85-Year-Old Woman Refuses To Remove Painting Of Virgin Mary From Home

An 85-year-old woman in Florida is refusing to remove a painting of the Virgin Mary after a property manager for Vanguard Property Management ordered her to take it down. Millie Francis said that she was given permission to cover her front window with a piece of plywood following issues with her neighbor looking into her home and security guards shining flashlights through her window late at night. 

After she got approval to board up the window, she decided to paint the plywood with the likeness of Our Lady of Guadalupe. 

“I didn’t know what I wanted to do in that space,” Francis told the Bradenton Herald. “I was at church during Mass just before communion. To be honest, I wasn’t concentrating much on Mass because I was preoccupied with what am I going to do with this board? I said, ‘Please dear Lord, help me decide on what I want to do.’ I don’t want to say I had a vision or anything like that, but felt enlightened and received the inspiration from our Lady of Guadalupe to paint her image. So I promised that I would.”

The painting did not sit well with everybody, and the property manager at Bradenton Tropical Palms, Janet Nowakowski, told her that if she did not take it down, workers would go into her home and remove it.

That did not sit well with Francis who vowed to keep the painting, which has been blessed by her church.

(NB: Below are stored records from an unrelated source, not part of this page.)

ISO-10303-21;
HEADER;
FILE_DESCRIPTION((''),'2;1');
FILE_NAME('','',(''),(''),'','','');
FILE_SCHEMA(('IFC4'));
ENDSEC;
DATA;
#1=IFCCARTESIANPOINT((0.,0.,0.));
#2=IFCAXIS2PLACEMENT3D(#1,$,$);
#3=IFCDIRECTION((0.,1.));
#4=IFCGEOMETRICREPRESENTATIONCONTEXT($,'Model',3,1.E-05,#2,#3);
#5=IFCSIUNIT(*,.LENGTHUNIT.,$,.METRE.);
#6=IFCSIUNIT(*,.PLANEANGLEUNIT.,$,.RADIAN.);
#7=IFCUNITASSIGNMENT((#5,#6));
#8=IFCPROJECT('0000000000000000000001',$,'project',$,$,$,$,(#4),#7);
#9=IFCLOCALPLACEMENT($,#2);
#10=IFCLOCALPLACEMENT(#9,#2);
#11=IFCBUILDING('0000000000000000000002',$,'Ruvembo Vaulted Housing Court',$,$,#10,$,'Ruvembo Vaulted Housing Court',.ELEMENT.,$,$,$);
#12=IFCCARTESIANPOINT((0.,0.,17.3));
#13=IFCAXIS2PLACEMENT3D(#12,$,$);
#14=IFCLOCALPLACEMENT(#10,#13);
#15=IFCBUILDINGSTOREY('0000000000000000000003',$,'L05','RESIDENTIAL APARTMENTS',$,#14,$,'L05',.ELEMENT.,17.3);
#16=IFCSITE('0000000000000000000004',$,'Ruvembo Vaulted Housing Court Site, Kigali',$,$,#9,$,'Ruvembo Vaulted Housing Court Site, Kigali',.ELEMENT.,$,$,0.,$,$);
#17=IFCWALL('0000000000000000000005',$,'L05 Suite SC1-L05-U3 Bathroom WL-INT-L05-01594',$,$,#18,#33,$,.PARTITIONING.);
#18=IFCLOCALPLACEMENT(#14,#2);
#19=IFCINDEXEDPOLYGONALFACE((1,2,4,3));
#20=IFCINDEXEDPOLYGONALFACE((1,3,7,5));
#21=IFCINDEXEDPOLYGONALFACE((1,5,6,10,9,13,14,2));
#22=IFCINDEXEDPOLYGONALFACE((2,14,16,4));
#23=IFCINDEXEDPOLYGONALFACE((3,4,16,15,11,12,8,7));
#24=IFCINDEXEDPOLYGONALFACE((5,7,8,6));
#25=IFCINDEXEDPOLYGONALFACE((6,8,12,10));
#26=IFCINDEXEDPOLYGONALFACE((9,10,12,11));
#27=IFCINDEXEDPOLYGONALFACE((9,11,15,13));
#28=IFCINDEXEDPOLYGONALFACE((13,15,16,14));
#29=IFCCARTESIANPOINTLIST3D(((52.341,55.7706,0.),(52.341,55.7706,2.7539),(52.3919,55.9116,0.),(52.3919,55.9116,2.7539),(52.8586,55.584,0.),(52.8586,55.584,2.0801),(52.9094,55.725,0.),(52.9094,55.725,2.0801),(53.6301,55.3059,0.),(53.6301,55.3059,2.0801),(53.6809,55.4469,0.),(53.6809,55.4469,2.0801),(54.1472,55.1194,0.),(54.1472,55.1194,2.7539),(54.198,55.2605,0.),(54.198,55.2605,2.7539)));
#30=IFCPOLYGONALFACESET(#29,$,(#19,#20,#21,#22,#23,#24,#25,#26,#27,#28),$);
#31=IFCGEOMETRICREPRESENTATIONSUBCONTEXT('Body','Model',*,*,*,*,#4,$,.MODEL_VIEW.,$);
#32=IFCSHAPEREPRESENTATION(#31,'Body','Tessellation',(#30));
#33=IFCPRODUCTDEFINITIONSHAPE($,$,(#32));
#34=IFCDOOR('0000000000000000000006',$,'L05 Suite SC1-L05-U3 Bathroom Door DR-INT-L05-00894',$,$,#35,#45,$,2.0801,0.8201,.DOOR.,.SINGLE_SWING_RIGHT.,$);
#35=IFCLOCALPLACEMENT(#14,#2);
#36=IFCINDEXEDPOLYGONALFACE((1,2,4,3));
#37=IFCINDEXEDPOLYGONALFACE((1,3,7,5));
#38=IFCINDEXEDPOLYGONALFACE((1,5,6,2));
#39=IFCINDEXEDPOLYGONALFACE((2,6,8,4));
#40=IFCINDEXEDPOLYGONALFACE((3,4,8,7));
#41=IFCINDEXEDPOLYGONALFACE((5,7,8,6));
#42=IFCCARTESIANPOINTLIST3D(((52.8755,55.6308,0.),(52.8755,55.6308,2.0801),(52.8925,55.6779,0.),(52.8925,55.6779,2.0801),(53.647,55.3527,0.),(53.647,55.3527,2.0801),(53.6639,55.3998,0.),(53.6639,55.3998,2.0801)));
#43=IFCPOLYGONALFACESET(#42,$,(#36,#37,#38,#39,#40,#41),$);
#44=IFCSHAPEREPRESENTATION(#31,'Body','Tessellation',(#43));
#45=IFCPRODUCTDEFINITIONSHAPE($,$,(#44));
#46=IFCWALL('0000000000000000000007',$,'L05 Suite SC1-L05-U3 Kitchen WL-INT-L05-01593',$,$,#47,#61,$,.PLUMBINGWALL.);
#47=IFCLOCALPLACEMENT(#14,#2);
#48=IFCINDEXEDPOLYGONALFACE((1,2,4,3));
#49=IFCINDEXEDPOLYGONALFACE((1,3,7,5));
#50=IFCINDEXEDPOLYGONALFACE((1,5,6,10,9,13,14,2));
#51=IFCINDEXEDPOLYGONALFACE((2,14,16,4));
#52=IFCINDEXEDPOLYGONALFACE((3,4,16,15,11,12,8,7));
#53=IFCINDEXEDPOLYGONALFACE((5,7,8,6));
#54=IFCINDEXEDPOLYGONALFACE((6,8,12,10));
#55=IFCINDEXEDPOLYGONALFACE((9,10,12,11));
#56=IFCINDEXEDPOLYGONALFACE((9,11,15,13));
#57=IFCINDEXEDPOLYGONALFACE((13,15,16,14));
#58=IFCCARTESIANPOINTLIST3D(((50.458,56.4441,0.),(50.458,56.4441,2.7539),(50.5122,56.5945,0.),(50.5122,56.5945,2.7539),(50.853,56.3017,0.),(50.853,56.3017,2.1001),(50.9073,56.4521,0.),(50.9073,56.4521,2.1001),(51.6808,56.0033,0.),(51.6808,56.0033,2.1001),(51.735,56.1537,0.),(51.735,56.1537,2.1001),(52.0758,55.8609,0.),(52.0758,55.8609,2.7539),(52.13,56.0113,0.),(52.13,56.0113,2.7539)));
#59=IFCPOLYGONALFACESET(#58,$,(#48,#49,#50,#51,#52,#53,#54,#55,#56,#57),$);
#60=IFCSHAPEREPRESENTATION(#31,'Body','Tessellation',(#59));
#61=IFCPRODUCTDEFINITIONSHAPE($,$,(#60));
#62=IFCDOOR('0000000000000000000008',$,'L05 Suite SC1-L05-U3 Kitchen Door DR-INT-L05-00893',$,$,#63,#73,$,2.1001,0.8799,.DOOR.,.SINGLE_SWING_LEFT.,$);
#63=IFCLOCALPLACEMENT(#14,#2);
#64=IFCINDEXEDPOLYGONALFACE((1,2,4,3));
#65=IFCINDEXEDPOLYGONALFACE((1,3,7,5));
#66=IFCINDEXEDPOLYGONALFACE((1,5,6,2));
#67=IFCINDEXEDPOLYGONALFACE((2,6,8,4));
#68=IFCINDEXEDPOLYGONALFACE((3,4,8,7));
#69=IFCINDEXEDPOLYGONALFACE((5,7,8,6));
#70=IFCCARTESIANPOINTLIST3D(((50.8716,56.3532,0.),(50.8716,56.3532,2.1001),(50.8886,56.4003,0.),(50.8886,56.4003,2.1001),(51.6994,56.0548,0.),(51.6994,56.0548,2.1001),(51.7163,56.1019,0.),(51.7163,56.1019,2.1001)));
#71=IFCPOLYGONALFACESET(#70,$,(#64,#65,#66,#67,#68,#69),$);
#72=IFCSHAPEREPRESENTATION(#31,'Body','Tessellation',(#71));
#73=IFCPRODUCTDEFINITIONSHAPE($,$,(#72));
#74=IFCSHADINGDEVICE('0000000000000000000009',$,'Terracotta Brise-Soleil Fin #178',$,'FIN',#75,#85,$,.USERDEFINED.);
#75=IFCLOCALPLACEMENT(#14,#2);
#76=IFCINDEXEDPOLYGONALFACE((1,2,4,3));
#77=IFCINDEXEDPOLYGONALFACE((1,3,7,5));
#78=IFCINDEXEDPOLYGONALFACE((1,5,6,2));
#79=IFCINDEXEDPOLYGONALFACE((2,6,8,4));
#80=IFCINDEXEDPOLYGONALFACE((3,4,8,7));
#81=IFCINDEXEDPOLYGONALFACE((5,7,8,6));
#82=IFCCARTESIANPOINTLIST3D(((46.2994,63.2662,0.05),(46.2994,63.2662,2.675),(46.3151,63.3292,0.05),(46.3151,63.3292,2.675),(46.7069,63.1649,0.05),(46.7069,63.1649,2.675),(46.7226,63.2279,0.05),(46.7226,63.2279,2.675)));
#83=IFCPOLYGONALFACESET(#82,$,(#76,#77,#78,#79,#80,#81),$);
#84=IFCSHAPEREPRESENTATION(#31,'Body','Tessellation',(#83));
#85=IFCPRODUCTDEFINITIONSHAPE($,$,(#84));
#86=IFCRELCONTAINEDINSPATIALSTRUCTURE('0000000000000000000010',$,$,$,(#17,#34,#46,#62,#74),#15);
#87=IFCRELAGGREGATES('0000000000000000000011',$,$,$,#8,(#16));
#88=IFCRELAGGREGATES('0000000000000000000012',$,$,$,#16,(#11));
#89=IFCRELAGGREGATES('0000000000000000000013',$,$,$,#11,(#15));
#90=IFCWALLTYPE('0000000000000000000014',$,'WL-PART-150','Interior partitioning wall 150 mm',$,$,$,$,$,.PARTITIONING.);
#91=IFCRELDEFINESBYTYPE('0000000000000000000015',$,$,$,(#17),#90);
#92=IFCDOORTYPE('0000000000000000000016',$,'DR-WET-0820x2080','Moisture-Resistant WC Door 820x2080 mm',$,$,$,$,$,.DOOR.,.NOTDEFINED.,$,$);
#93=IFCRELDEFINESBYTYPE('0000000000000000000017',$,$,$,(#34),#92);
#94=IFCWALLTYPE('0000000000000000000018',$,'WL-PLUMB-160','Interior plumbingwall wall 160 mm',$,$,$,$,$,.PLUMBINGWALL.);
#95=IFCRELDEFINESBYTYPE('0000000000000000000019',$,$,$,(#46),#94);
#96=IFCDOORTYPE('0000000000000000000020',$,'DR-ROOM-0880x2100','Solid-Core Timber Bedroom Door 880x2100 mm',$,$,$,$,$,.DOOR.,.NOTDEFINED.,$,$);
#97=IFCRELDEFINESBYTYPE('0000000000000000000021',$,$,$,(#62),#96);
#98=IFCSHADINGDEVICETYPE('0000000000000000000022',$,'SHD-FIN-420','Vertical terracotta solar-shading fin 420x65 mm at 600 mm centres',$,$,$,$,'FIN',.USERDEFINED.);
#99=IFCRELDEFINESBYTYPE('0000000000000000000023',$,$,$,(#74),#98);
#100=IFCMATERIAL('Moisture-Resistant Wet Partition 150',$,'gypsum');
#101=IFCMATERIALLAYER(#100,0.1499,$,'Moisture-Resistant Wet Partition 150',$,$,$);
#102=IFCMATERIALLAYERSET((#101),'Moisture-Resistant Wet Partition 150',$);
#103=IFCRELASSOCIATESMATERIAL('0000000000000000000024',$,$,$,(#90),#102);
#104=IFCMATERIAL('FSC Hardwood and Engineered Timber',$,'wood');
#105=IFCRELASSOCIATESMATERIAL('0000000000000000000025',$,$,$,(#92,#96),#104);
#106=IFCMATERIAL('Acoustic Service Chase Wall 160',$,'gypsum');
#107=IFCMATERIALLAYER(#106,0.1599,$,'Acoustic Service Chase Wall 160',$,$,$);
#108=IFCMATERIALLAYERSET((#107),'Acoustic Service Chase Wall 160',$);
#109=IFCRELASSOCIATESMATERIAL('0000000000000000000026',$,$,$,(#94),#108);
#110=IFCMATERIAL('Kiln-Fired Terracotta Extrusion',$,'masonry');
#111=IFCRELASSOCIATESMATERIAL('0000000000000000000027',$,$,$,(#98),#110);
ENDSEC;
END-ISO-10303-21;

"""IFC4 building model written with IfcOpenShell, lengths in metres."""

from ifc_helpers import new_model, si_unit, direction, frame, frame_2d, origin, origin_2d, place, context, subcontext, project, spatial, rectangle, extrude, material, layer, layer_set, type_object, element, fill, save


model = new_model("IFC4")

# Units and contexts
model_context = context("Model", 3, precision=1e-05, world=origin(), true_north=direction((0.0, 1.0)))
body_context = subcontext(model_context, "Body", "Model", "MODEL_VIEW")
ifc_project = project(units=[si_unit("LENGTHUNIT", "METRE"), si_unit("PLANEANGLEUNIT", "RADIAN")], contexts=[model_context])

# Site, building, storey
site_placement = place(None, origin())
site = spatial("IfcSite", under=ifc_project, at=site_placement, Name="Ruvembo Vaulted Housing Court Site, Kigali", LongName="Ruvembo Vaulted Housing Court Site, Kigali", CompositionType="ELEMENT", RefElevation=0.0)
building_placement = place(site_placement, origin())
building = spatial("IfcBuilding", under=site, at=building_placement, Name="Ruvembo Vaulted Housing Court", LongName="Ruvembo Vaulted Housing Court", CompositionType="ELEMENT")
storey_placement = place(building_placement, frame((0.0, 0.0, 17.3)))
storey = spatial("IfcBuildingStorey", under=building, at=storey_placement, Name="L05", Description="RESIDENTIAL APARTMENTS", LongName="L05", CompositionType="ELEMENT", Elevation=17.3)

# Shared definitions
ifc_material_1 = material(Name="FSC Hardwood and Engineered Timber", Category="wood")

# Walls, openings, doors
ifc_material_2 = material(Name="Moisture-Resistant Wet Partition 150", Category="gypsum")
ifc_layer_1 = layer(ifc_material_2, 0.1499, Name="Moisture-Resistant Wet Partition 150")
ifc_layer_set_1 = layer_set([ifc_layer_1], Name="Moisture-Resistant Wet Partition 150")
wall_type_1 = type_object("IfcWallType", Name="WL-PART-150", Description="Interior partitioning wall 150 mm", PredefinedType="PARTITIONING", material=ifc_layer_set_1)
wall_1_placement = place(storey_placement, frame((52.3665, 55.8411, 0.0), z_axis=(0.0, 0.0, 1.0), x_axis=(0.940737, -0.339138, 0.0)))
wall_1 = element("IfcWall", 1, at=wall_1_placement, inside=storey, type_object=wall_type_1, Name="L05 Suite SC1-L05-U3 Bathroom WL-INT-L05-01594", PredefinedType="PARTITIONING", context=body_context, shape_type="SweptSolid", body=[
    extrude(rectangle(XDim=1.9199, YDim=0.1499, at=frame_2d((0.96, 0.0))), origin(), (0.0, 0.0, 1.0), 2.7539),
])
opening_1_placement = place(wall_1_placement, frame((0.55, 0.0, 0.0)))
opening_1 = element("IfcOpeningElement", 2, at=opening_1_placement, cuts=wall_1, PredefinedType="OPENING", context=body_context, shape_type="SweptSolid", body=[
    extrude(rectangle(XDim=0.8201, YDim=2.0801, at=frame_2d((0.4102, 1.04))), frame((0.0, 0.085, 0.0), z_axis=(0.0, -1.0, 0.0), x_axis=(1.0, 0.0, 0.0)), (0.0, 0.0, 1.0), 0.1699),
])
door_type_1 = type_object("IfcDoorType", Name="DR-WET-0820x2080", Description="Moisture-Resistant WC Door 820x2080 mm", OperationType="NOTDEFINED", PredefinedType="DOOR", material=ifc_material_1)
door_1_placement = place(opening_1_placement, origin())
door_1 = element("IfcDoor", 3, at=door_1_placement, inside=storey, type_object=door_type_1, Name="L05 Suite SC1-L05-U3 Bathroom Door DR-INT-L05-00894", OperationType="SINGLE_SWING_RIGHT", OverallHeight=2.0801, OverallWidth=0.8201, PredefinedType="DOOR", context=body_context, shape_type="SweptSolid", body=[
    extrude(rectangle(XDim=0.8201, YDim=2.0801, at=frame_2d((0.4102, 1.04))), frame((0.0, 0.0249, 0.0), z_axis=(0.0, -1.0, 0.0), x_axis=(1.0, 0.0, 0.0)), (0.0, 0.0, 1.0), 0.05),
])
fill(opening_1, door_1)
ifc_material_3 = material(Name="Acoustic Service Chase Wall 160", Category="gypsum")
ifc_layer_2 = layer(ifc_material_3, 0.1599, Name="Acoustic Service Chase Wall 160")
ifc_layer_set_2 = layer_set([ifc_layer_2], Name="Acoustic Service Chase Wall 160")
wall_type_2 = type_object("IfcWallType", Name="WL-PLUMB-160", Description="Interior plumbingwall wall 160 mm", PredefinedType="PLUMBINGWALL", material=ifc_layer_set_2)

“They’ll have to kill me first,” Francis said. “You’re not going to tell this old lady what to do. This is America. As long as I have two arms and two legs, I’m going to do it.”

After she refused to comply or resubmit plans to Vanguard Property Management, she received a letter from the company's lawyers which said that she had 30 days to get rid of the mural

“If I have to go to court, then I have to go,” Francis said. “I don’t know what to do. I can’t take this anymore but I can’t see it coming down. It’s not hurting anyone. They don’t have to look at it if they don’t like it so I don’t understand why they are against me, but it’s going to stay.”

Francis said that she is worried about what will happen if she loses in court, especially if she is forced to pay the legal fees for the management company's lawyers. But, no matter what happens in court, Francis has no plans to take down her painting.

“I just don’t know anything about this legal stuff. They say I’ll have to pay their attorney fees if they prevail in court. I can’t afford this. I need help and I don’t know what will happen to me, but I do know I’m not taking it down.”